The alarm goes off at 7.00. I either meditate for 20 minutes or sleep for 45 or jump out of bed and ablute.
This morning I slept. I am knackered from taking out my daughter, nephew and great nephew for supper. I did the minimal washing. You know, all the important bits. Then I walked out of the flat at 7.45 and bugger me, if the car didn’t start. My head is so fatuszed that last night I didn’t close the door on the car properly so the battery is as flat as one of Martin Blunos’s very delicate blinis.
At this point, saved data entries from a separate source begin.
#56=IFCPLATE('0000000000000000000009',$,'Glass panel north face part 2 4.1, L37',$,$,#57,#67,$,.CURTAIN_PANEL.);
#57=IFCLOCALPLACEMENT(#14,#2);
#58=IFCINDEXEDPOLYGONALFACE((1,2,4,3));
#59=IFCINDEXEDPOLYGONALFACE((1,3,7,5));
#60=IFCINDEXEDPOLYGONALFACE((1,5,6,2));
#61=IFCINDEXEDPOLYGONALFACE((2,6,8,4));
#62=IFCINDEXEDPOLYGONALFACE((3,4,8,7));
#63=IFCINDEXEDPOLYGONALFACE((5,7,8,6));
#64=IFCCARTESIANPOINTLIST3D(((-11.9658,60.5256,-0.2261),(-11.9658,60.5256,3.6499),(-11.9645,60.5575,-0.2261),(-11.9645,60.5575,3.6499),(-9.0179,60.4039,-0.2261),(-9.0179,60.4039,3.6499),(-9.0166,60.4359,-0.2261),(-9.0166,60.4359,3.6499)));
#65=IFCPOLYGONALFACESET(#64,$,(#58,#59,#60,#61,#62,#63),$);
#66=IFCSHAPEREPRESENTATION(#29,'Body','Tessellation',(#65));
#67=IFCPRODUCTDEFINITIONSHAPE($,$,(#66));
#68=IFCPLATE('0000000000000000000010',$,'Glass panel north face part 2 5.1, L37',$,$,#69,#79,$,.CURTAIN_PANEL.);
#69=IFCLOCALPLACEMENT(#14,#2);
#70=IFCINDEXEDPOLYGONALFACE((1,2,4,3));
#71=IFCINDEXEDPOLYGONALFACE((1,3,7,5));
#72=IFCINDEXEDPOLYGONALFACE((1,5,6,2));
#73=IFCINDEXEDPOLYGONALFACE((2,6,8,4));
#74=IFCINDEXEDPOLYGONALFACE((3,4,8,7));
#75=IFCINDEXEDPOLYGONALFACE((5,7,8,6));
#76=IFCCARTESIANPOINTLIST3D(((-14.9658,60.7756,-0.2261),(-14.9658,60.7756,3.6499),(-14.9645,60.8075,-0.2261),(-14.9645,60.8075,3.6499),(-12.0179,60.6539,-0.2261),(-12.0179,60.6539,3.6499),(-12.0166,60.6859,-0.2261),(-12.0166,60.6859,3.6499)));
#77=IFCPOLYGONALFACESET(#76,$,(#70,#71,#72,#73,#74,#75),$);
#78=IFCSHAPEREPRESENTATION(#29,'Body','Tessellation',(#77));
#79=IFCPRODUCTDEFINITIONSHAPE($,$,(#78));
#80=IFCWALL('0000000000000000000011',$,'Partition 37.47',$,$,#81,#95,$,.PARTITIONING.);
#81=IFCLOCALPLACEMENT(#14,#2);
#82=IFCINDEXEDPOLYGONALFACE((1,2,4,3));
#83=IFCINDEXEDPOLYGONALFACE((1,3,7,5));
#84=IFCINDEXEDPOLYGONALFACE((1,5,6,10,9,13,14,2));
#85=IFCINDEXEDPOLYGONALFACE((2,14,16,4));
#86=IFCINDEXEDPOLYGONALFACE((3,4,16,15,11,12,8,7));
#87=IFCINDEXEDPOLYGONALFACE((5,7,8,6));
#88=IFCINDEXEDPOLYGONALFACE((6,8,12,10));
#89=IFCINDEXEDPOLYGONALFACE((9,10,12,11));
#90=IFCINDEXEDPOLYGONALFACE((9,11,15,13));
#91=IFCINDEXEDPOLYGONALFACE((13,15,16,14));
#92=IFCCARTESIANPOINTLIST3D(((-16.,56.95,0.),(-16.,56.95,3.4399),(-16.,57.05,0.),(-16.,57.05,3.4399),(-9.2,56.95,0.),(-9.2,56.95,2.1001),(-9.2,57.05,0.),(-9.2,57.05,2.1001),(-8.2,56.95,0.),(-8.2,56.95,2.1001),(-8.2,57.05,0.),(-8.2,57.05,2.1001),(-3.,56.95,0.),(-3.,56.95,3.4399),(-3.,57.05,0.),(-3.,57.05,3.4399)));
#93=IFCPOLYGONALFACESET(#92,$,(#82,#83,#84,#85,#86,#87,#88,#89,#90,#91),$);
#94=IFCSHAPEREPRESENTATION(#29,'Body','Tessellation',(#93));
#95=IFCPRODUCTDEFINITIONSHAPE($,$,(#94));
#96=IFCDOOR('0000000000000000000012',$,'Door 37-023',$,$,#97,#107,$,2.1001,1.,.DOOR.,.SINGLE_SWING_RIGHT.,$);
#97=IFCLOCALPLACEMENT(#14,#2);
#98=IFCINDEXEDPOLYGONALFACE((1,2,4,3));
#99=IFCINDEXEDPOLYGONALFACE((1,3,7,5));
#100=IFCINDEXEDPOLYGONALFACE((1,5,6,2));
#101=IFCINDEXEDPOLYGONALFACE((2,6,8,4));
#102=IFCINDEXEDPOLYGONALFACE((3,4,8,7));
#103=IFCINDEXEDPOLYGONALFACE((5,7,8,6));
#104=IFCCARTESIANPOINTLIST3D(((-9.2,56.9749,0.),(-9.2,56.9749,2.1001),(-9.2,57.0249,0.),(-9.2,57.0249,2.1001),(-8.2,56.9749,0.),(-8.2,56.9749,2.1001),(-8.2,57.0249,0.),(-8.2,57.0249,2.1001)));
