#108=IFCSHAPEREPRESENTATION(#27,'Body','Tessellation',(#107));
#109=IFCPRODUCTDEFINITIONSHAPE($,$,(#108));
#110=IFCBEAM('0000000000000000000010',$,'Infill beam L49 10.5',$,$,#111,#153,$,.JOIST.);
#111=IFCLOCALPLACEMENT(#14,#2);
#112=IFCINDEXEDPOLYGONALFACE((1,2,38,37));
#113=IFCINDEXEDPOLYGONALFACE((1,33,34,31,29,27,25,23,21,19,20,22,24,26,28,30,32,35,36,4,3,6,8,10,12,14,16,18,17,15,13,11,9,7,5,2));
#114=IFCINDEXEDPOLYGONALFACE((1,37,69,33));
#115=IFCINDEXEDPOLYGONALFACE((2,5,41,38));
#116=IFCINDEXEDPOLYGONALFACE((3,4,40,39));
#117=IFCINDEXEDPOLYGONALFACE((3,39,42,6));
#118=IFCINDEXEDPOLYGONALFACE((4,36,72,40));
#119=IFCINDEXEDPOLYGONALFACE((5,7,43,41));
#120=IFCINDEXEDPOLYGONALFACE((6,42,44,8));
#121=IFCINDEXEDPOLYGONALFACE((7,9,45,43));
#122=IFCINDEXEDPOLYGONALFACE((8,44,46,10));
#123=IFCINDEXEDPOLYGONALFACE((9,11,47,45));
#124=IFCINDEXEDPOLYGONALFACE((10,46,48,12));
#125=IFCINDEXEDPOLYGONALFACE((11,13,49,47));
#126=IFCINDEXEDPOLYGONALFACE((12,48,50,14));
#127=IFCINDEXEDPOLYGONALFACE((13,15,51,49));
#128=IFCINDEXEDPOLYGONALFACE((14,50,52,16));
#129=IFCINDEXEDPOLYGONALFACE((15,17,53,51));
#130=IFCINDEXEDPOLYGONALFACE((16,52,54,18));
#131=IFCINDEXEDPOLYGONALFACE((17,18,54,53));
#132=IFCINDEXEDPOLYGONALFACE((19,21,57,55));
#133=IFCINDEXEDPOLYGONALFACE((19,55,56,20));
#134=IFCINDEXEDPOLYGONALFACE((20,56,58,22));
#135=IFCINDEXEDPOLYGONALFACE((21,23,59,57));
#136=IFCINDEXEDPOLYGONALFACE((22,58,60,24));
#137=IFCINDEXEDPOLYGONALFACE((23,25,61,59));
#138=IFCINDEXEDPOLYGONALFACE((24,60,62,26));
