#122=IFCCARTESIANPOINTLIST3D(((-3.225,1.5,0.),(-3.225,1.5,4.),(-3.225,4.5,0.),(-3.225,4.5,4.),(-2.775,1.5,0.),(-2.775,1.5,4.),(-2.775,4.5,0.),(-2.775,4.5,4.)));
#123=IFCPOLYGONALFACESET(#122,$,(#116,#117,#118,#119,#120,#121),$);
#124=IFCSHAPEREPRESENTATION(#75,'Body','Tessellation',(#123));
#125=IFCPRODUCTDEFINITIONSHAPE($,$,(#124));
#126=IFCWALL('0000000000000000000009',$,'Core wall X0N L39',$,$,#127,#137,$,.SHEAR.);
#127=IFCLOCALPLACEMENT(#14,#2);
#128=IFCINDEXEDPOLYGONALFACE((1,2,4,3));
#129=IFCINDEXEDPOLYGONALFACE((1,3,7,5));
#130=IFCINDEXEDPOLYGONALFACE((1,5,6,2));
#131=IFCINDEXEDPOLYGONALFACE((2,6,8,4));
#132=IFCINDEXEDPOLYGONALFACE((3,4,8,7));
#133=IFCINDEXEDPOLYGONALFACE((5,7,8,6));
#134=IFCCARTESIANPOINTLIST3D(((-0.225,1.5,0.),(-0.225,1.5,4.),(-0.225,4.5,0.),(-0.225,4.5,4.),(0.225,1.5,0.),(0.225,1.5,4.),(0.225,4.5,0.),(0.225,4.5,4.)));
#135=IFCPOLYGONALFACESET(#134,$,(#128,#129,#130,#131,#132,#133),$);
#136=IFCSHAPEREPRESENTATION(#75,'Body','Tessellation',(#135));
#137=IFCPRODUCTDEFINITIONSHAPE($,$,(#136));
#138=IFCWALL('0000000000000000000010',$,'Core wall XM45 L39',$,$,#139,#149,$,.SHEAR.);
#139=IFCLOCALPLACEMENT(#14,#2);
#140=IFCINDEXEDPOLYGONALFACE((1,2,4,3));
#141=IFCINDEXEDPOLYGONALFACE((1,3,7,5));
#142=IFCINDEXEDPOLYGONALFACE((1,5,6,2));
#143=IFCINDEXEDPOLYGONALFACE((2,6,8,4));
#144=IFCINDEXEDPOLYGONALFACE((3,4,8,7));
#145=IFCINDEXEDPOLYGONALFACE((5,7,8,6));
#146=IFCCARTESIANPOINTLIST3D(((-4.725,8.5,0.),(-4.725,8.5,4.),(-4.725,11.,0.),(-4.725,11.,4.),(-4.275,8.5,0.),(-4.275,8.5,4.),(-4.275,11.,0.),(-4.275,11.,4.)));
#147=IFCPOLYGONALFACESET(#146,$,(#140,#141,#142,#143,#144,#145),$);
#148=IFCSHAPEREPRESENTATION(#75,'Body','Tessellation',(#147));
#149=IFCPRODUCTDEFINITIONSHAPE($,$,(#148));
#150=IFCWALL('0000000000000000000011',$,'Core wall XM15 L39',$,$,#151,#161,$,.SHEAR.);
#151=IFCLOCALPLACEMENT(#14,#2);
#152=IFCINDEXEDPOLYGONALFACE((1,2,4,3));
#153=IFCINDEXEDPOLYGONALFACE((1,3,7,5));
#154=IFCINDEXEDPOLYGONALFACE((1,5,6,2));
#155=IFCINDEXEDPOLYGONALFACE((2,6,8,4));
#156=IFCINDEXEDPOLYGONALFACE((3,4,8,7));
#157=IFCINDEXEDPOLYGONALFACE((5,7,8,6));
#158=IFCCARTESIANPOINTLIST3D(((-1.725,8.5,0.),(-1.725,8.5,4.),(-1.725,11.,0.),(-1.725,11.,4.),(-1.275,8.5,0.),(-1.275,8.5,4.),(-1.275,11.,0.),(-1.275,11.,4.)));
I went upstairs to the flat and woke up my very fast asleep house guest. He didn’t have a battery charger so I called the AA. We agreed that they should come between 1-2 and all would be well. Calling the GFL studio for a taxi, I then realised that 2.00 wouldn’t be any good since I have a voice over to do in Soho. So, I called the studio to cancel the taxi, recalled the AA, washed my hair, argued with the taxi driver who wouldn’t hang up when I said shampoo was dripping all over my handset, called the producer, called the editor, toweled my hair, shouted at the taxi firm again, and read yet more of your wonderful comments.
I took a remedy to calm me down, apologised to my lovely sleepy house guest, got on my knees to pray that the AA would be here when they said they would, and have decided to write to you to while away what precious minutes I have left. IT IS NOT FUNNY.